Dasselbe Album mindestens viermal nacheinander durchhören, das jeden Tag mehrmals, ich glaube, das geht unter Sucht. Nun ja, bin ich halt süchtig nach „Resurgam“ von Fink.

Obwohl ich sagen muss, dass „Looking Too Closely“ (2014) für mich nach wie vor der ewig ungeschlagene Fink-Song ist. Ich mag es halt eingängig, gerne auch mainstreamig und weniger sperrig als etwa „Resurgam“, der Titelsong der neuen Platte. Die Nummer erinnert mich zum ersten Mal seit 25 Jahren wieder an das Kirchgemeindehaus in Langnau und die vielen Bibelfilme, die ich da im Rahmen der kirchlichen Unterweisung gesehen habe.
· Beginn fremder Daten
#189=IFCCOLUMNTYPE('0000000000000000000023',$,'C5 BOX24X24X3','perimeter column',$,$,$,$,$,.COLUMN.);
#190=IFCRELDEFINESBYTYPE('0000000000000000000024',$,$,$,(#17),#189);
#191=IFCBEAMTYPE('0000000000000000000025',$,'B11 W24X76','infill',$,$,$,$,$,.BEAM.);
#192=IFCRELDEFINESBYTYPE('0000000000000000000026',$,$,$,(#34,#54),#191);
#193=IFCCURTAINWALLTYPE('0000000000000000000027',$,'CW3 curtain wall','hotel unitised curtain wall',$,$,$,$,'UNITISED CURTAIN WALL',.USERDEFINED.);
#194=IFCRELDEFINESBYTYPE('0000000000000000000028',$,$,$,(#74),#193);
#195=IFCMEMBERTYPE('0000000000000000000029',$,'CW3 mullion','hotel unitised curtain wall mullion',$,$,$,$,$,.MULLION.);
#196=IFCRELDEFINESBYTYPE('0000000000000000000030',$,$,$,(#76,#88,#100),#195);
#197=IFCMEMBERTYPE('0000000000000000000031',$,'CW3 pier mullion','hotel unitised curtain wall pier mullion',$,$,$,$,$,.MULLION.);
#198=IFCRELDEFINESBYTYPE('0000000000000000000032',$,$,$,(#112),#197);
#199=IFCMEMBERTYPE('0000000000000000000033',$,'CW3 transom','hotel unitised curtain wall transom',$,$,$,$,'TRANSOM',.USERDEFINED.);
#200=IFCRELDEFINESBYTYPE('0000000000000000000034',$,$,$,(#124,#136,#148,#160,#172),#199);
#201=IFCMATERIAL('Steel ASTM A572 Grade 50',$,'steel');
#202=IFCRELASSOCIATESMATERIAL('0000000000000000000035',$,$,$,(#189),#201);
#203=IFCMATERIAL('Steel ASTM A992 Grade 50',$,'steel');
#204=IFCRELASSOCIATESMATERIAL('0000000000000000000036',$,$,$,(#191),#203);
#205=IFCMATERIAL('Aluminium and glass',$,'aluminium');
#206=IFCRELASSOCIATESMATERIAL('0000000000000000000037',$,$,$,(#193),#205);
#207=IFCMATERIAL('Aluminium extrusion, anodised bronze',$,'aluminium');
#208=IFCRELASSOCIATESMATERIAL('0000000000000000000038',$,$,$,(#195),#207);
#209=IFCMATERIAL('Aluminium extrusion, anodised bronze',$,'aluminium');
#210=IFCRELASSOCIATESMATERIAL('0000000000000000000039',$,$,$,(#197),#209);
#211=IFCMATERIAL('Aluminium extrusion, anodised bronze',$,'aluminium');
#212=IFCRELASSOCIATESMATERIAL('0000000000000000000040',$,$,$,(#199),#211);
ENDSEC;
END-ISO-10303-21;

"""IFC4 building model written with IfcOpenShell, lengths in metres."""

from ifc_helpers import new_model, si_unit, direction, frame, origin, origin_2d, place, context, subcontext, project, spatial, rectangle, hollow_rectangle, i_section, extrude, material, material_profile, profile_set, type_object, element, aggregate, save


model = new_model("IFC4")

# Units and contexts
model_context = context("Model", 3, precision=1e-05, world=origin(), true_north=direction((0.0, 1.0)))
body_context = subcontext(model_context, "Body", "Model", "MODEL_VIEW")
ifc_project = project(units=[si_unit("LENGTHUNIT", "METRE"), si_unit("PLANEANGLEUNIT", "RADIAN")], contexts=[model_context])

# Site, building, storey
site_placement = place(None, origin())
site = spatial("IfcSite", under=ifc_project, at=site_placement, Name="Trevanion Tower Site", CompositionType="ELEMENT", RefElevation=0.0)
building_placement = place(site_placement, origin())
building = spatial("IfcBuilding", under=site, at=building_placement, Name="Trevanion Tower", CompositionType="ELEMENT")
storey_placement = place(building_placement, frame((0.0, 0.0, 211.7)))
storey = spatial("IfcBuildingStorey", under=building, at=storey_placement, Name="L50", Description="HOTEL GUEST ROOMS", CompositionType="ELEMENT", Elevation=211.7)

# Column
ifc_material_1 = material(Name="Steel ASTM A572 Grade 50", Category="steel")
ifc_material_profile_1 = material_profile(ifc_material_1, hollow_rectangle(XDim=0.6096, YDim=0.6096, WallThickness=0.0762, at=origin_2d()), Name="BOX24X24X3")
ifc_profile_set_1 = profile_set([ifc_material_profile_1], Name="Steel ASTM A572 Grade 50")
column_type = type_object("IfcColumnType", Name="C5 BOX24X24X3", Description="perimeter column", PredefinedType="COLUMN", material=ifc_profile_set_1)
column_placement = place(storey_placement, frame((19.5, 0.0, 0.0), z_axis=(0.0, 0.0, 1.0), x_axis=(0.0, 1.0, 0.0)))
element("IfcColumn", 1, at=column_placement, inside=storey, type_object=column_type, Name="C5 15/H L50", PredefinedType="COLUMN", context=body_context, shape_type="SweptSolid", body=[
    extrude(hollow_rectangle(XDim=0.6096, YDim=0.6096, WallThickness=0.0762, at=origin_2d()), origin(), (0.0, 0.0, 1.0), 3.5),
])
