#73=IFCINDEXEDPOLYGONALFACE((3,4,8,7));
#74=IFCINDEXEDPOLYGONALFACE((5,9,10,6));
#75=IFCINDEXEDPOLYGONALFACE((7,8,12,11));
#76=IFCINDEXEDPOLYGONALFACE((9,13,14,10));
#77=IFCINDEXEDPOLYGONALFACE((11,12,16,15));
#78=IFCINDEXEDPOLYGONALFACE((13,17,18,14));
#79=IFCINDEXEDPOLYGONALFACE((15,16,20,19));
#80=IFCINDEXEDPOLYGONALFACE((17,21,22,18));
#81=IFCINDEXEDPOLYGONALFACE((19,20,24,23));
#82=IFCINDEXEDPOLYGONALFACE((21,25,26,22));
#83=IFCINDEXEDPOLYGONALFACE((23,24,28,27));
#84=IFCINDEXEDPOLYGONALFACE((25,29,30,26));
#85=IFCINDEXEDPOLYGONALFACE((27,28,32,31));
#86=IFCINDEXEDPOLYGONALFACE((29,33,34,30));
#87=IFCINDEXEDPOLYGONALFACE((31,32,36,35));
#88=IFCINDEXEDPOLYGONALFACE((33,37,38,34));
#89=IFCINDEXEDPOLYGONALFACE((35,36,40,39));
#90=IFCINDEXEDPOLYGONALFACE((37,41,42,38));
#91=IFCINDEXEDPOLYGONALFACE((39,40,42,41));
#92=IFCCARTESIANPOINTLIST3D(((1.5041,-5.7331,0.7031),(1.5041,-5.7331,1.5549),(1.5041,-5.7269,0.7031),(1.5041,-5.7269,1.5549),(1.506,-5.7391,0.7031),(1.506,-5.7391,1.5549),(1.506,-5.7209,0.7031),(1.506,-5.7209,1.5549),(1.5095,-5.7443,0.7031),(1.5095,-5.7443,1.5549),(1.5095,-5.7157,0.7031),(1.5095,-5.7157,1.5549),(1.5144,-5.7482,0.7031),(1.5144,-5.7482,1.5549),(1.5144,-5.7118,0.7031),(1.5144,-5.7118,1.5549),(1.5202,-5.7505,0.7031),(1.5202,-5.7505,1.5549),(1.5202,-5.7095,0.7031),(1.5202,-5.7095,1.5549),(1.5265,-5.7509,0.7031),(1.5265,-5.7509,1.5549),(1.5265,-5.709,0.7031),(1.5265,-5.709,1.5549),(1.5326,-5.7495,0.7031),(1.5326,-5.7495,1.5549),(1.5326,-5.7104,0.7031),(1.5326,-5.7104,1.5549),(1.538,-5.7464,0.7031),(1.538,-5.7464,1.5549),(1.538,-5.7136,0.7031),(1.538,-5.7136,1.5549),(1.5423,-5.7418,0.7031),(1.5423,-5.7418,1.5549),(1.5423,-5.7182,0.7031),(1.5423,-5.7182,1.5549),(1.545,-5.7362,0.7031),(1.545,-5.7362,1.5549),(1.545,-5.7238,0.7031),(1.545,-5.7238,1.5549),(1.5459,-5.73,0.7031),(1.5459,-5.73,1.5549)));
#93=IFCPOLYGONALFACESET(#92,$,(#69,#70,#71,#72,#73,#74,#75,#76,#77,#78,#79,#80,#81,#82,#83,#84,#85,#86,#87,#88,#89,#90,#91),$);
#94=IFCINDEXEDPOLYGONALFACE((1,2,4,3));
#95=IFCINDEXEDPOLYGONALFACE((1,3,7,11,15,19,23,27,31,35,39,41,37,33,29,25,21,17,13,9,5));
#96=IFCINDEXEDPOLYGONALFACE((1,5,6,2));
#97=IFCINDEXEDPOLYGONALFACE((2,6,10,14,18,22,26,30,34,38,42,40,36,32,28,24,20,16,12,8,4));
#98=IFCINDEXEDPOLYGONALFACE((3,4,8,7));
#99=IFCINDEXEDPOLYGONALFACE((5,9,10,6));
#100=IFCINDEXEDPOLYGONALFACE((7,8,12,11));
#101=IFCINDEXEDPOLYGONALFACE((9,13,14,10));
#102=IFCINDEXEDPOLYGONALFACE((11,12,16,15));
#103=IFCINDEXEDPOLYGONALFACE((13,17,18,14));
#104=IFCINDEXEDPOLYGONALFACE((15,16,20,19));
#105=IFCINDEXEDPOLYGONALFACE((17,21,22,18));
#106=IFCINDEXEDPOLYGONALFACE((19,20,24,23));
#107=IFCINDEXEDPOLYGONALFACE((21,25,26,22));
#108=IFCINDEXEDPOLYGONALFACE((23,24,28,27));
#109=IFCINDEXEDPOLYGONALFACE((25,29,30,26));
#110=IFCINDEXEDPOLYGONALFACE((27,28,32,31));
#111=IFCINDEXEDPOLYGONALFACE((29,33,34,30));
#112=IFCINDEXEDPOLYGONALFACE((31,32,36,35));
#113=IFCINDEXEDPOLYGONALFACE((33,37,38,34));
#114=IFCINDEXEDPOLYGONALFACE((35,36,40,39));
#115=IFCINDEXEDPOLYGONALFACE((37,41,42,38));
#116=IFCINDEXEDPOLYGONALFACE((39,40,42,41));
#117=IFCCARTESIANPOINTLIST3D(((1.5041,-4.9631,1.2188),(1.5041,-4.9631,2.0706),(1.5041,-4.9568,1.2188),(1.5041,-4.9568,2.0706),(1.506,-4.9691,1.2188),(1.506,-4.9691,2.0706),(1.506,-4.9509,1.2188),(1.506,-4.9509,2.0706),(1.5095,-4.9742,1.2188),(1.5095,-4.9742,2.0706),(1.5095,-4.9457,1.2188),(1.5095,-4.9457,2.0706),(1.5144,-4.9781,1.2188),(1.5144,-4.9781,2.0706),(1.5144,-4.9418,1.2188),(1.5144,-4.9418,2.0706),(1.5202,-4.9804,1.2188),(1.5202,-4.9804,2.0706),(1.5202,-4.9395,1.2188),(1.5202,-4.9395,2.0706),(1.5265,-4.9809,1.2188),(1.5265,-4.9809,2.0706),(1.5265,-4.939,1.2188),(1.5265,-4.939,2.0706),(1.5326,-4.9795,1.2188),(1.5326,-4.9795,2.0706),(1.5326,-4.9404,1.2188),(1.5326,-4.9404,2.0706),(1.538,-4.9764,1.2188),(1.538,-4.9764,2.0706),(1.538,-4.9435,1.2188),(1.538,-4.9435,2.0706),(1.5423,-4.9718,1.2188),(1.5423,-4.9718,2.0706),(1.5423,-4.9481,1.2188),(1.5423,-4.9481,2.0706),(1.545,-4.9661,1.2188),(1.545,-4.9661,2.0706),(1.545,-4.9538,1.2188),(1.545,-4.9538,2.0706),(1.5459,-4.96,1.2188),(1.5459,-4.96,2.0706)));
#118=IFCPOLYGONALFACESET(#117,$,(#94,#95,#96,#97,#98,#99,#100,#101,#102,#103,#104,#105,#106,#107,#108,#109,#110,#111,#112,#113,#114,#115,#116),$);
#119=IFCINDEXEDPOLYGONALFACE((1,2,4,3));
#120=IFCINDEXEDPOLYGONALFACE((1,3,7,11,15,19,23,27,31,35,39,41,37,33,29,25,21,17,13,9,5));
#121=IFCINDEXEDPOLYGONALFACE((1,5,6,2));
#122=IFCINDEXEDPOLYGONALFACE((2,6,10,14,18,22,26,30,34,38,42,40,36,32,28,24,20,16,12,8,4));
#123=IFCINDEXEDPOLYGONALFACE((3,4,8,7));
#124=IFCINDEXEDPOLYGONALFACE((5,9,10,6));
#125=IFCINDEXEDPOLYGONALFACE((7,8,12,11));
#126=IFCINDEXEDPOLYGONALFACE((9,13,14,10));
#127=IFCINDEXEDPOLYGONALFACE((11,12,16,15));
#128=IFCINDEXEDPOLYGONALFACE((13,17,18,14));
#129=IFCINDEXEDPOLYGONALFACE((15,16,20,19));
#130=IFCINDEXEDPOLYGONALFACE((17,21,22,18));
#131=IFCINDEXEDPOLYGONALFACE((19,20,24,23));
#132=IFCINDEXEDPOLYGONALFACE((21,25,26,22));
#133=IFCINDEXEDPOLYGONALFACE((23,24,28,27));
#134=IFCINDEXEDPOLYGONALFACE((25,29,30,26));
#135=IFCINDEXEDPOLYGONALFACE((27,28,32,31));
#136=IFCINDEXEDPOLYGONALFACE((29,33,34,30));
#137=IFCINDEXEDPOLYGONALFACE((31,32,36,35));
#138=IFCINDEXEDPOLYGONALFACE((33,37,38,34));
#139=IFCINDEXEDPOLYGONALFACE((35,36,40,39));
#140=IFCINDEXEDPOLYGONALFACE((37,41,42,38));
„Resurgam“, und damit meine ich nun das gesamte Album, verlangt mir mehr ab als alles, was mir von dem Briten davor bekannt war. Ich denke auf einmal an eine übergrosse gewobene Wand-Arche-Noah, während ich zu seiner Musik bisher in erster Linie stumm vor mich hin emotionierte und allerhöchstens mich selbst in den herzzerreissendsten Gemütslagen vor Augen hatte. Auch tanze ich plötzlich viel mehr anstatt beduselt ins Leere zu starren. Allerdings auch irgendwie komisch: Erdig, und gleichzeitig groovy, ich kann es nicht recht definieren. Ihr dürft es euch aber gerne anschauen, nächsten Sonntag im Bierhübeli.

Ist „Resurgam“ („Ich erstehe auf“) spiritueller als andere Fink-Alben? Ich weiss es nicht, und vielleicht werde ich Finian Paul Greenall, wie der Singer-Songweiter, DJ und Musikproduzent aus Brighton eigentlich heisst, nächsten Sonntag im Interview fragen. Apropos DJ, auf „Resurgam“ gibt es neben den biblisch-Sklavenblues-mässigen Tönen und einer Art konstant esoterischem Hauch auch Nummern wie „The Determined Cut„, die dann eher wieder ans Clubben erinnern.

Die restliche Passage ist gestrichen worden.